1 sn Those who wish to improve themselves must learn to accept correction; the fool hates/rejects any correction.

2 sn The word בָּעַר (baar, “brutish; stupid”) normally describes dumb animals that lack intellectual sense. Here, it describes the moral fool who is not willing to learn from correction. He is like a dumb animal (so the term here functions as a hypocatastasis: implied comparison).

3 tn Heb “is prudent” (so KJV, NASB, NRSV); NCV, NLT “is wise.” Anyone who accepts correction or rebuke will become prudent in life.

4 tn Heb “ear” (so KJV, NRSV). The term “ear” is a synecdoche of part (= ear) for the whole (= person).

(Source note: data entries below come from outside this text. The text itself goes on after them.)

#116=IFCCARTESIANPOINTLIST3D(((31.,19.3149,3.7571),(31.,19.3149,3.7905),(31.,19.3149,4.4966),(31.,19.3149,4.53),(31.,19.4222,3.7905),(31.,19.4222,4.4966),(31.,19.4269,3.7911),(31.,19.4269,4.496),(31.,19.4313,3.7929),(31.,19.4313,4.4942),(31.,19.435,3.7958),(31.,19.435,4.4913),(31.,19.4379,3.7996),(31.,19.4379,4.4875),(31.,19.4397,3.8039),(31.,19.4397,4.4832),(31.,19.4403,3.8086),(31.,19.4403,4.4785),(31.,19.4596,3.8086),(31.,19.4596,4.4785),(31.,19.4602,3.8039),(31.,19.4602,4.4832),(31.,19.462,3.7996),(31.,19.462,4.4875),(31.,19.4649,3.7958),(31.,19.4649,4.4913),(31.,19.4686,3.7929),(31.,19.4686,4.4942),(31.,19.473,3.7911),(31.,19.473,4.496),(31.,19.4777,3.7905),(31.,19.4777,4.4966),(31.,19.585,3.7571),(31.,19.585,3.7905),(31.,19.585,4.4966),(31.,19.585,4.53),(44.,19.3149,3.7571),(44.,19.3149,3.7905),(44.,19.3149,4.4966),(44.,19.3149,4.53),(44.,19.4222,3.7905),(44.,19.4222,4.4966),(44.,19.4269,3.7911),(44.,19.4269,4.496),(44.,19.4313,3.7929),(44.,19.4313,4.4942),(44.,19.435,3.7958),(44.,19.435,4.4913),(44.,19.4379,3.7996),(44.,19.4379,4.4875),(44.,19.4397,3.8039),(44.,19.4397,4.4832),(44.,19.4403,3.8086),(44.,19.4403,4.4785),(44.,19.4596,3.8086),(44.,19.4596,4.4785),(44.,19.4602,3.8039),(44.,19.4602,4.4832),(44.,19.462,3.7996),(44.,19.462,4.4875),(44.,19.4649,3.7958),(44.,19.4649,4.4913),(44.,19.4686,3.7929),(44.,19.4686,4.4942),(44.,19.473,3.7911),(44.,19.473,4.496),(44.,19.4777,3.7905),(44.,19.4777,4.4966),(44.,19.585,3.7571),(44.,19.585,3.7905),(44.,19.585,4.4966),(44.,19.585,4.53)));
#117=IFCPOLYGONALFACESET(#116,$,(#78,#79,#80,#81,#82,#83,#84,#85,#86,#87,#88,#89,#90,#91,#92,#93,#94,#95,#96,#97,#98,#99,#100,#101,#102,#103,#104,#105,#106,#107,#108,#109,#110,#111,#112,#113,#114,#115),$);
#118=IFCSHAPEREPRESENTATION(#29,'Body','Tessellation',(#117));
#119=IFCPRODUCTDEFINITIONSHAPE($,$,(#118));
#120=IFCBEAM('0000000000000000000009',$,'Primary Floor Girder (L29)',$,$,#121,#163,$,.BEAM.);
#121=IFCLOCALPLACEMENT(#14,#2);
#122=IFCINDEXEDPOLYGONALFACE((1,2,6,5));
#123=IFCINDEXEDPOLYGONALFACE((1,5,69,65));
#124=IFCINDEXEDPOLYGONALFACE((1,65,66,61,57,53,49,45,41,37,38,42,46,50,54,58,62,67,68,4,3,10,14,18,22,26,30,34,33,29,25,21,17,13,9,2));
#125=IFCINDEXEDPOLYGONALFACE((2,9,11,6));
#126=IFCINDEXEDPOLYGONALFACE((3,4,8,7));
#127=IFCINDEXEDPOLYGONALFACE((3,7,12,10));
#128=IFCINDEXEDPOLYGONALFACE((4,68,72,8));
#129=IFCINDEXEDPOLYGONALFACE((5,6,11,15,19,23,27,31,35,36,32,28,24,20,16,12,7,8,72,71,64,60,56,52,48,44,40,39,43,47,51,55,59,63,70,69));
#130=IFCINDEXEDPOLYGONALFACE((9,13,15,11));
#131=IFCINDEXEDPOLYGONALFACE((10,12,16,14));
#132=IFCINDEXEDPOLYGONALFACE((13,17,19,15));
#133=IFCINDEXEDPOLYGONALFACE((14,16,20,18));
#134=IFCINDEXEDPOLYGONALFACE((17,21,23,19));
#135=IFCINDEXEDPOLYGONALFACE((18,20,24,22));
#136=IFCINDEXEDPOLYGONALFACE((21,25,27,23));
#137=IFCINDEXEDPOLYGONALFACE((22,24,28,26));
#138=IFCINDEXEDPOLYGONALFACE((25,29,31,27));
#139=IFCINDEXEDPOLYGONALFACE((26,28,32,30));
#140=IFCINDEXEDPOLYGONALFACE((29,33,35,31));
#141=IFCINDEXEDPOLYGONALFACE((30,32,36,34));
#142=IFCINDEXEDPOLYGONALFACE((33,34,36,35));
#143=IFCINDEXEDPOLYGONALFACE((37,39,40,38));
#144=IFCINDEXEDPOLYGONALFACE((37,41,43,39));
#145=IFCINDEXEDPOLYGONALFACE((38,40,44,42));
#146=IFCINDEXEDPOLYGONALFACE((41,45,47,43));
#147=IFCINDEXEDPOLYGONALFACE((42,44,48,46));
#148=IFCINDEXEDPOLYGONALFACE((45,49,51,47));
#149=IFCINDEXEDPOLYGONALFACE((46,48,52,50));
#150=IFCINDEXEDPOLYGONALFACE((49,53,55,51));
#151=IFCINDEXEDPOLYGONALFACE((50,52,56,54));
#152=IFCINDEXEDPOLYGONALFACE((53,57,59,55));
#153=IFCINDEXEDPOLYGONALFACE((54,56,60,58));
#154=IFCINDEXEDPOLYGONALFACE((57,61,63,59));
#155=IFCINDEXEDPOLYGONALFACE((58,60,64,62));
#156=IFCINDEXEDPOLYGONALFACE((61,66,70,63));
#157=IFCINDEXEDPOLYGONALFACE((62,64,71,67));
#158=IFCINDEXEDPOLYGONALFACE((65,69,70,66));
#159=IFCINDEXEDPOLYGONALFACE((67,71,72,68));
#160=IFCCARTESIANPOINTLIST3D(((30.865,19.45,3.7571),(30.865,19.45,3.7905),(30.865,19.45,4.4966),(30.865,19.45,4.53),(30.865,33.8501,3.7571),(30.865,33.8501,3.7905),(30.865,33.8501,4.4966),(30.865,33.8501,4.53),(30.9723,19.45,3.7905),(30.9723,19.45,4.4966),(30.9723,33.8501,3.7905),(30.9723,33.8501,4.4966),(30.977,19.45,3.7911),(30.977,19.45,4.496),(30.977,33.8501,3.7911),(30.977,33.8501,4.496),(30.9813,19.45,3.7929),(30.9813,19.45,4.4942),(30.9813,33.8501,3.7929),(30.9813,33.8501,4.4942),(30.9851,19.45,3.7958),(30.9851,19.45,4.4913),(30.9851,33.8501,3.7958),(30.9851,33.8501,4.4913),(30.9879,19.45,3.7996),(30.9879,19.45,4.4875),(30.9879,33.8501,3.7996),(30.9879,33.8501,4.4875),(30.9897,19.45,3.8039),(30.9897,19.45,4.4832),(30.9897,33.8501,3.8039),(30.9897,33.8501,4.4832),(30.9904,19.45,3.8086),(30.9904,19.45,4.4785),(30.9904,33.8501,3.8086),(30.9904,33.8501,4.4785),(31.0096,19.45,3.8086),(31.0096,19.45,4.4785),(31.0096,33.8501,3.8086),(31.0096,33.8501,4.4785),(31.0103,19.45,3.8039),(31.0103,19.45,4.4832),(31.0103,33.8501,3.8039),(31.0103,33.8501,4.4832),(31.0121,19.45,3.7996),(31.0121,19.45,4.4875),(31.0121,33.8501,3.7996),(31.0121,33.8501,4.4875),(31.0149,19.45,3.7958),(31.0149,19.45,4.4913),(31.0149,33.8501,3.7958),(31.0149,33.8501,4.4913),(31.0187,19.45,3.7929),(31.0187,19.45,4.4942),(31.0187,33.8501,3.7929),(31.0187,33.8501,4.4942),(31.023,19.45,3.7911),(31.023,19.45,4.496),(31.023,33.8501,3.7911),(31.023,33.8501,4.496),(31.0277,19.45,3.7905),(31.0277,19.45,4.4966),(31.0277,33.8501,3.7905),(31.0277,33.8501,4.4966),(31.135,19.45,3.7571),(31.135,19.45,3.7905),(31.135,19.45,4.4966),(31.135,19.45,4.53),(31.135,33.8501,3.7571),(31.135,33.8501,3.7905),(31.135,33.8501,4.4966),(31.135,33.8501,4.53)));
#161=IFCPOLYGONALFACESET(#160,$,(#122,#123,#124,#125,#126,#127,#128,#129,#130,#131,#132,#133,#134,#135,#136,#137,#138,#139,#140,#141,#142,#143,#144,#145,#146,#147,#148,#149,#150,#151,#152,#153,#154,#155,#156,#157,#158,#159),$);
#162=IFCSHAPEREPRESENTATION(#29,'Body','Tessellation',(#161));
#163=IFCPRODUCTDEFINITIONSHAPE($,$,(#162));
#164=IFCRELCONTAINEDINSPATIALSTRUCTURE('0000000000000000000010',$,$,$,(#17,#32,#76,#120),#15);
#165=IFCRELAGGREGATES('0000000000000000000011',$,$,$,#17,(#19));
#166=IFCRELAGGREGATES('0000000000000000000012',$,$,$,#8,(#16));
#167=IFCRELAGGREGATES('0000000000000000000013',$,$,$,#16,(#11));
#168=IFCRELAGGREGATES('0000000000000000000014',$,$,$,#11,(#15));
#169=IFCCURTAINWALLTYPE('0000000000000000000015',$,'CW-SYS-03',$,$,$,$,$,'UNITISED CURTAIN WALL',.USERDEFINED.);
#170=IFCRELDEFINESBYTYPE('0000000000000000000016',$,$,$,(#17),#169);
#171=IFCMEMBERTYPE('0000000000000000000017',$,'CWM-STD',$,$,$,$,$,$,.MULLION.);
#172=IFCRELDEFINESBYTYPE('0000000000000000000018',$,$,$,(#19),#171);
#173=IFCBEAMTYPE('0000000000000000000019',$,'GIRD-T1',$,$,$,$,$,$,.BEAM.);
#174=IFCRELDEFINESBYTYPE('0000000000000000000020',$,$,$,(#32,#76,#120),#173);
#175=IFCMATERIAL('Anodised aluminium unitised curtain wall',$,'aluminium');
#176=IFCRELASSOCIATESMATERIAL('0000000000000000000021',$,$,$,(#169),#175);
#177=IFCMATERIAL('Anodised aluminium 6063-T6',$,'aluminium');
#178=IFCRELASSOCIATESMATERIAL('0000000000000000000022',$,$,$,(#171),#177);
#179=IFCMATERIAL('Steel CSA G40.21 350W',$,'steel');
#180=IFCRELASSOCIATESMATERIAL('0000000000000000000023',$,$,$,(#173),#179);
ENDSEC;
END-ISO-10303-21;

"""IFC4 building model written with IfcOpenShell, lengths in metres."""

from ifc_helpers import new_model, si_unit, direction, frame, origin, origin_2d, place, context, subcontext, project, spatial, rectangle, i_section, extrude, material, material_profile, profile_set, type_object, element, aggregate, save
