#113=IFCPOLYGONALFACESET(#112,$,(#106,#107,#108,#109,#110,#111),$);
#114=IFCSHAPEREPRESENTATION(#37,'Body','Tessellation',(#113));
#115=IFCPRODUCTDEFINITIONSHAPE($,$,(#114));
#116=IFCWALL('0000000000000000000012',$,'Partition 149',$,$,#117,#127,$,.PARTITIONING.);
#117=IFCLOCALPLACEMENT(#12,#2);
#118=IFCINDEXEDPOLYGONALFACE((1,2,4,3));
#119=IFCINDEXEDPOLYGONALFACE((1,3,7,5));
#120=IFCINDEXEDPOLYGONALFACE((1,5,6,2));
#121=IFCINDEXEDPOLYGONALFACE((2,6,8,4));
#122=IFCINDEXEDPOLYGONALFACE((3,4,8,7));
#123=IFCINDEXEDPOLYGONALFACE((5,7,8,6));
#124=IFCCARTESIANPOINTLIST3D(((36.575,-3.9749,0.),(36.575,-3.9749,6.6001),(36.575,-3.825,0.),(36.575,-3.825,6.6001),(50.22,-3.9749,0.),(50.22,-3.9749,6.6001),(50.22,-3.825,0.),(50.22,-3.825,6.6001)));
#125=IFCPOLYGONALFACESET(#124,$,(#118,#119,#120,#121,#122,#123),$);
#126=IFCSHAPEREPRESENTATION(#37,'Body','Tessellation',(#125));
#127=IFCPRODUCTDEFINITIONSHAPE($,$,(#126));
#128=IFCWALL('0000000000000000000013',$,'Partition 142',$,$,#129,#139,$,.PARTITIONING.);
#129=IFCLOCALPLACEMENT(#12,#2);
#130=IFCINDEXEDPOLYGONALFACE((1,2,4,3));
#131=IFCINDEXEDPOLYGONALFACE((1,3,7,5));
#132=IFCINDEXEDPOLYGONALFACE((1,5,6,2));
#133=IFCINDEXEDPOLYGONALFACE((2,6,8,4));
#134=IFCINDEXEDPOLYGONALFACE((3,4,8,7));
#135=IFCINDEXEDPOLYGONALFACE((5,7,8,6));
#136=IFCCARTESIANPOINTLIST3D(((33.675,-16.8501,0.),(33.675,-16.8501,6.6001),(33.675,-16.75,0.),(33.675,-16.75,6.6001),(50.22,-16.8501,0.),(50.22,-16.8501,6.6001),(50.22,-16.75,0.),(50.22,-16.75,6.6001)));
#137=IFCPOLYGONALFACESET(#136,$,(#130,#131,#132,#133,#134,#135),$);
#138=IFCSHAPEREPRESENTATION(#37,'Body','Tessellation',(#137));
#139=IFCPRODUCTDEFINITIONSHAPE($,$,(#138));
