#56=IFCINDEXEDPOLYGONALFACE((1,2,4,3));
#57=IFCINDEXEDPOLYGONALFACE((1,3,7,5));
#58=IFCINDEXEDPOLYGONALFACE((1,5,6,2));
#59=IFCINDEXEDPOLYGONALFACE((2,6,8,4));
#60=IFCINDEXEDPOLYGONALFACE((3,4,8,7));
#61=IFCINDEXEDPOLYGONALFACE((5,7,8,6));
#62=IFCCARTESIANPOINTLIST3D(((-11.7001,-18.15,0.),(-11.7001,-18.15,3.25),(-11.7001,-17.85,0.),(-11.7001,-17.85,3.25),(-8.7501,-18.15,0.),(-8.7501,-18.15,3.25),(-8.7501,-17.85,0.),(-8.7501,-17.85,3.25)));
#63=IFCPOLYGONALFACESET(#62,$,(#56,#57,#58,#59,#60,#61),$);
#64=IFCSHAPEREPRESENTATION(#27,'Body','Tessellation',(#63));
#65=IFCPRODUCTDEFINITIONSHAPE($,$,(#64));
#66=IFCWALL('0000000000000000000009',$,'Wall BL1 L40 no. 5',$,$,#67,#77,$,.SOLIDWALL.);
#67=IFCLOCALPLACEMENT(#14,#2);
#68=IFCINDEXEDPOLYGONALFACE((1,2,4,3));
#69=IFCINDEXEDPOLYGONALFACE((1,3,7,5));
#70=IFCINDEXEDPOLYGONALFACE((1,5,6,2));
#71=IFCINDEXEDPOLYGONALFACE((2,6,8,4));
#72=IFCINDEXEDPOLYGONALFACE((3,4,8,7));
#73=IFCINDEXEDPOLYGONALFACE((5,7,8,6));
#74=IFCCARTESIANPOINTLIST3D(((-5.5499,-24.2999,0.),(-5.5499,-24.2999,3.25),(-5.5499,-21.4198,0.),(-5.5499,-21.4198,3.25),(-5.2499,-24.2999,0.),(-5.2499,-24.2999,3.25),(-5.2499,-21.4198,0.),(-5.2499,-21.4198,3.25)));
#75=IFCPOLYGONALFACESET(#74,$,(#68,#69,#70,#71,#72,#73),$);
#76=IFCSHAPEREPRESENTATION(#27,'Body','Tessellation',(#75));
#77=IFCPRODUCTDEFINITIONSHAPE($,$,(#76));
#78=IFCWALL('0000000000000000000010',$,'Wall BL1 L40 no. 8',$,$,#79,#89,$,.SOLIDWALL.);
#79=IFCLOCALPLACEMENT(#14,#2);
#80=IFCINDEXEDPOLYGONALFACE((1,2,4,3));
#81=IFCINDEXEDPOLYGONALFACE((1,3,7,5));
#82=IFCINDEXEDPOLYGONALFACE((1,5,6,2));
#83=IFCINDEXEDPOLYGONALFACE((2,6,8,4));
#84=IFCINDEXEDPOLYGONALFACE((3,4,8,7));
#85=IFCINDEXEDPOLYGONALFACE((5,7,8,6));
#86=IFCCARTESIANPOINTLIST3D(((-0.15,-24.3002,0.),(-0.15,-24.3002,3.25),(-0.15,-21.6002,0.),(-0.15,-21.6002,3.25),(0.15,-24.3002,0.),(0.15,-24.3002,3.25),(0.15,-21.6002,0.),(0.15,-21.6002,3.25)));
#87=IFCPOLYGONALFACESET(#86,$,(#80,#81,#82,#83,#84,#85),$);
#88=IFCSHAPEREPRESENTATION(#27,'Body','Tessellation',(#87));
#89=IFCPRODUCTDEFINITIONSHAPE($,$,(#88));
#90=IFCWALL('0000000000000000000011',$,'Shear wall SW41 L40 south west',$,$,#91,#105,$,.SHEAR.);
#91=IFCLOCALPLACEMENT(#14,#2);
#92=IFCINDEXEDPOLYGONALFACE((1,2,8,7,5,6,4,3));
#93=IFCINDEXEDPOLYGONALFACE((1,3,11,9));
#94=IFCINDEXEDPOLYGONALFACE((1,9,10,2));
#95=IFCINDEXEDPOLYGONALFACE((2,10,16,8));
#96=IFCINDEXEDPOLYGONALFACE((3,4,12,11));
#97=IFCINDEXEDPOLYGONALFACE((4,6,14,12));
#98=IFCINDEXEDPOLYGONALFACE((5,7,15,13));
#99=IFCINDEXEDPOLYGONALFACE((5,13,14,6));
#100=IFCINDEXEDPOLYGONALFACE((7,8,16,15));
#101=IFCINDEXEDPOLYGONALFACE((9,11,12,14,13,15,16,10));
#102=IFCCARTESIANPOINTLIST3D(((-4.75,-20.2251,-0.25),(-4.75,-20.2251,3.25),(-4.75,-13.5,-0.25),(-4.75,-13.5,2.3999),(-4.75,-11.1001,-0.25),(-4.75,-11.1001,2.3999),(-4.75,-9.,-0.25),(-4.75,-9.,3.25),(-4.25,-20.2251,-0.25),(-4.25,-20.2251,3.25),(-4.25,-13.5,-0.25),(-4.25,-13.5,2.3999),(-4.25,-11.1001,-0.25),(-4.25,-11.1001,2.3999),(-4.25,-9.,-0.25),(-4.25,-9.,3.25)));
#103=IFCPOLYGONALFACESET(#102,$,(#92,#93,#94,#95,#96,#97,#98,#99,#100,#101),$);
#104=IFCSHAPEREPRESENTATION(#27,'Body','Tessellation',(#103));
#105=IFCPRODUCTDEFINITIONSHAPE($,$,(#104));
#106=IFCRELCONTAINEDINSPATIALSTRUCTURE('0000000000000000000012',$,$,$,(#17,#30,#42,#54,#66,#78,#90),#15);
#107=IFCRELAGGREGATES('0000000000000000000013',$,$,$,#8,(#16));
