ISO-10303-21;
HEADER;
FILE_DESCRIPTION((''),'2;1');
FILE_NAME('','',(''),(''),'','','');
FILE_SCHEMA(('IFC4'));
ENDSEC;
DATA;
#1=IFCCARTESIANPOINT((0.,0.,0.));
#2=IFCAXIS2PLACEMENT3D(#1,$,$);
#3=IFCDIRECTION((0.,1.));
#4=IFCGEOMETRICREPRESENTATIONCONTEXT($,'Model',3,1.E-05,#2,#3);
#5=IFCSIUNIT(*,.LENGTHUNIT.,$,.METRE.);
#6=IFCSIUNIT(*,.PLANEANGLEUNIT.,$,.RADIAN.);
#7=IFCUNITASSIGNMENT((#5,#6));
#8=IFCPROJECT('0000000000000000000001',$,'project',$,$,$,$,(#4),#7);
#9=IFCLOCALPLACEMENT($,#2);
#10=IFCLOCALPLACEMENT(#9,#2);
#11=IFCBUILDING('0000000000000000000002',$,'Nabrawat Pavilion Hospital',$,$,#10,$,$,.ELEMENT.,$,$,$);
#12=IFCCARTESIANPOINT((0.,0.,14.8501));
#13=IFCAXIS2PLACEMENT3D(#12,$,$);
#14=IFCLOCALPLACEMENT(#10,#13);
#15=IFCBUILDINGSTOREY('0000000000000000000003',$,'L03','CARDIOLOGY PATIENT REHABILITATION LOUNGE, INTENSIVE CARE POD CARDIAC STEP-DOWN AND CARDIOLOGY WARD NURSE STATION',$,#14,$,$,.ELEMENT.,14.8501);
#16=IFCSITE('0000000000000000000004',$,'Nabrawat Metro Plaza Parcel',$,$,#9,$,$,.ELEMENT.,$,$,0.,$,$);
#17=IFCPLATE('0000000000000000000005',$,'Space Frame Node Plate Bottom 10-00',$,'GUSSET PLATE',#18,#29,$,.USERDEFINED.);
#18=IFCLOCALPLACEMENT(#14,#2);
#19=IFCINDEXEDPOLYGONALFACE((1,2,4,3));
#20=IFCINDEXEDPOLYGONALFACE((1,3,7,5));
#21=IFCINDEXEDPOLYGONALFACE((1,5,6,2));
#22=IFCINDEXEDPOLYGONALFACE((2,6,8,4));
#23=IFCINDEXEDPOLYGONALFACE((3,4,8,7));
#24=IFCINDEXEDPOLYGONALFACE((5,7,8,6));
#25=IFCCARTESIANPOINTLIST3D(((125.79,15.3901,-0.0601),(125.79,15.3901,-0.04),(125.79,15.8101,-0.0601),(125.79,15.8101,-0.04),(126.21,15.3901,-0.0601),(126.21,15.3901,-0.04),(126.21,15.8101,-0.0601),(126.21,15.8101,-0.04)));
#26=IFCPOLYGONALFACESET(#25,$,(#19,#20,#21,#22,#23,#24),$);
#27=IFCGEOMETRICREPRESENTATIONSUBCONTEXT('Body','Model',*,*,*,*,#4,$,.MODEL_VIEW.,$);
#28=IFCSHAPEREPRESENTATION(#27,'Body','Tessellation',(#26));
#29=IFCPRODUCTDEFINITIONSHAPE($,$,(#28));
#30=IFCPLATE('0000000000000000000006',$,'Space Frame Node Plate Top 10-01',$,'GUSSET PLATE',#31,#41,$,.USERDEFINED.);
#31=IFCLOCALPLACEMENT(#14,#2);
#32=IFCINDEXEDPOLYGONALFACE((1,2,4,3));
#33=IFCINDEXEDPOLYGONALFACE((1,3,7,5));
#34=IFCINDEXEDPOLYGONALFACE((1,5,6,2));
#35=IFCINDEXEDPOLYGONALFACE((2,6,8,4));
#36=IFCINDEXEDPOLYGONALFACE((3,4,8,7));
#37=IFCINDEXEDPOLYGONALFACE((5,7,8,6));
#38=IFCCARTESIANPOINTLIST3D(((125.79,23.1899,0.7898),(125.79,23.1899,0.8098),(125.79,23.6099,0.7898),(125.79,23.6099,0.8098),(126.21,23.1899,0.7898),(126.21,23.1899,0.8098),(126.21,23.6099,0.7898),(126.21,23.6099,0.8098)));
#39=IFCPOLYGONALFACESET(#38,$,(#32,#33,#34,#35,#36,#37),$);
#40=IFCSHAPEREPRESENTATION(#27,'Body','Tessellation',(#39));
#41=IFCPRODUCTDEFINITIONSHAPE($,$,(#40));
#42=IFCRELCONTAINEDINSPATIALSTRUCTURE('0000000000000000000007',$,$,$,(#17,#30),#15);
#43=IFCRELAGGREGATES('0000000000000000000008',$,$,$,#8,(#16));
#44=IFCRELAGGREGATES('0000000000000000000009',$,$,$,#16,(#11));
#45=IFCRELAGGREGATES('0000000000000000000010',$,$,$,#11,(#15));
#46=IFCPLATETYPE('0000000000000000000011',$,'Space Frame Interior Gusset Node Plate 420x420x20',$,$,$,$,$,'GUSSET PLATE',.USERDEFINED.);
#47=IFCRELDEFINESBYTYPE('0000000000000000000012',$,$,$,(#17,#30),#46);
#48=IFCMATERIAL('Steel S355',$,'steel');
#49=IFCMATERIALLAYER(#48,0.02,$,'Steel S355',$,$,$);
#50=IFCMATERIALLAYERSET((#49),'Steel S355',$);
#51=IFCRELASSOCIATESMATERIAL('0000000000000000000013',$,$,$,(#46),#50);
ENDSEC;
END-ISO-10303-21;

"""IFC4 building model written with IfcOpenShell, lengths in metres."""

from ifc_helpers import new_model, si_unit, direction, frame, origin, origin_2d, place, context, subcontext, project, spatial, rectangle, extrude, material, layer, layer_set, type_object, element, save


model = new_model("IFC4")

# Units and contexts
model_context = context("Model", 3, precision=1e-05, world=origin(), true_north=direction((0.0, 1.0)))
body_context = subcontext(model_context, "Body", "Model", "MODEL_VIEW")
ifc_project = project(units=[si_unit("LENGTHUNIT", "METRE"), si_unit("PLANEANGLEUNIT", "RADIAN")], contexts=[model_context])

# Site, building, storey
site_placement = place(None, origin())
site = spatial("IfcSite", under=ifc_project, at=site_placement, Name="Nabrawat Metro Plaza Parcel", CompositionType="ELEMENT", RefElevation=0.0)
building_placement = place(site_placement, origin())
building = spatial("IfcBuilding", under=site, at=building_placement, Name="Nabrawat Pavilion Hospital", CompositionType="ELEMENT")
storey_placement = place(building_placement, frame((0.0, 0.0, 14.8501)))
storey = spatial("IfcBuildingStorey", under=building, at=storey_placement, Name="L03", Description="CARDIOLOGY PATIENT REHABILITATION LOUNGE, INTENSIVE CARE POD CARDIAC STEP-DOWN AND CARDIOLOGY WARD NURSE STATION", CompositionType="ELEMENT", Elevation=14.8501)

# Shared definitions
ifc_material = material(Name="Steel S355", Category="steel")

# Plates
ifc_layer = layer(ifc_material, 0.02, Name="Steel S355")
ifc_layer_set = layer_set([ifc_layer], Name="Steel S355")
plate_type = type_object("IfcPlateType", Name="Space Frame Interior Gusset Node Plate 420x420x20", ElementType="GUSSET PLATE", PredefinedType="USERDEFINED", material=ifc_layer_set)
for number, where, z_axis, x_axis, name in (
    (1, (126.0, 15.6001, -0.0601), (0.0, 0.0, 1.0), (1.0, 0.0, 0.0), "Space Frame Node Plate Bottom 10-00"),
    (2, (126.0, 23.3999, 0.7898), (0.0, 0.0, 1.0), (1.0, 0.0, 0.0), "Space Frame Node Plate Top 10-01"),
):
    element("IfcPlate", number, at=place(storey_placement, frame(where, z_axis=z_axis, x_axis=x_axis)), inside=storey, type_object=plate_type, Name=name, ObjectType="GUSSET PLATE", PredefinedType="USERDEFINED", context=body_context, shape_type="SweptSolid", body=[
        extrude(rectangle(XDim=0.4199, YDim=0.4199, at=origin_2d()), origin(), (0.0, 0.0, 1.0), 0.02),
    ])

save(model, "model.ifc")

5 tn “Life” is an objective genitive: Reproof brings or preserves life. Cf. NIV “life-giving rebuke”; NLT “constructive criticism.”

6 tn Heb “lodges.” This means to live with, to be at home with.

7 sn The proverb is one full sentence; it affirms that a teachable person is among the wise.

8 sn To “despise oneself” means to reject oneself as if there was little value. The one who ignores discipline is not interested in improving himself.

9 tn Or “heeds” (so NAB, NIV); NASB “listens to.”

10 tn The Hebrew text reads קוֹנֶה לֵּב (qoneh lev), the participle of קָנָה (qanah, “to acquire; to possess”) with its object, “heart.” The word “heart” is frequently a metonymy of subject, meaning all the capacities of the human spirit and/or mind. Here it refers to the ability to make judgments or discernment.

11 tn The verb III פָּרַע (para’) normally means “to let go; to let alone” and here “to neglect; to avoid; to reject” (BDB 828 s.v.).

12 tn The phrase “ends up in” does not appear in the Hebrew text, but is implied by the parallelism; it is supplied in the translation for the sake of smoothness.

13 sn Honor and success are contrasted with poverty and shame; the key to enjoying the one and escaping the other is discipline and correction. W. McKane, Proverbs (OTL), 456, notes that it is a difference between a man of weight (power and wealth, from the idea of “heavy” for “honor”) and the man of straw (lowly esteemed and poor).

14 tn The two lines are parallel synonymously, so the “severe discipline” of the first colon is parallel to “will die” of the second. The expression מוּסָר רָע (musar ra’, “severe discipline”) indicates a discipline that is catastrophic or harmful to life.

15 sn If this line and the previous line are synonymous, then the one who abandons the way also refuses any correction, and so there is severe punishment. To abandon the way means to leave the life of righteousness which is the repeated subject of the book of Proverbs.

16 tn The word “rod” is a metonymy of cause, in which the instrument being used to discipline is mentioned in place of the process of disciplining someone. So the expression refers to the process of discipline that is designed to correct someone. Some understand the words “rod and reproof” to form a hendiadys, meaning “a correcting [or, reproving] rod” (cf. NAB, NIV “the rod of correction”).

17 tn Heb “gives” (so NAB).

18 tn The form is a Pual participle; the form means “to let loose” (from the meaning “to send”; cf. KJV, NIV “left to himself”), and so in this context “unrestrained.”

19 sn The Hebrew participle translated “brings shame” is a metonymy of effect; the cause is the unruly and foolish things that an unrestrained child will do.

20 sn The focus on the mother is probably a rhetorical variation for the “parent” (e.g., 17:21; 23:24-25) and is not meant to assume that only the mother will do the training and endure the shame for a case like this (e.g., 13:24; 23:13).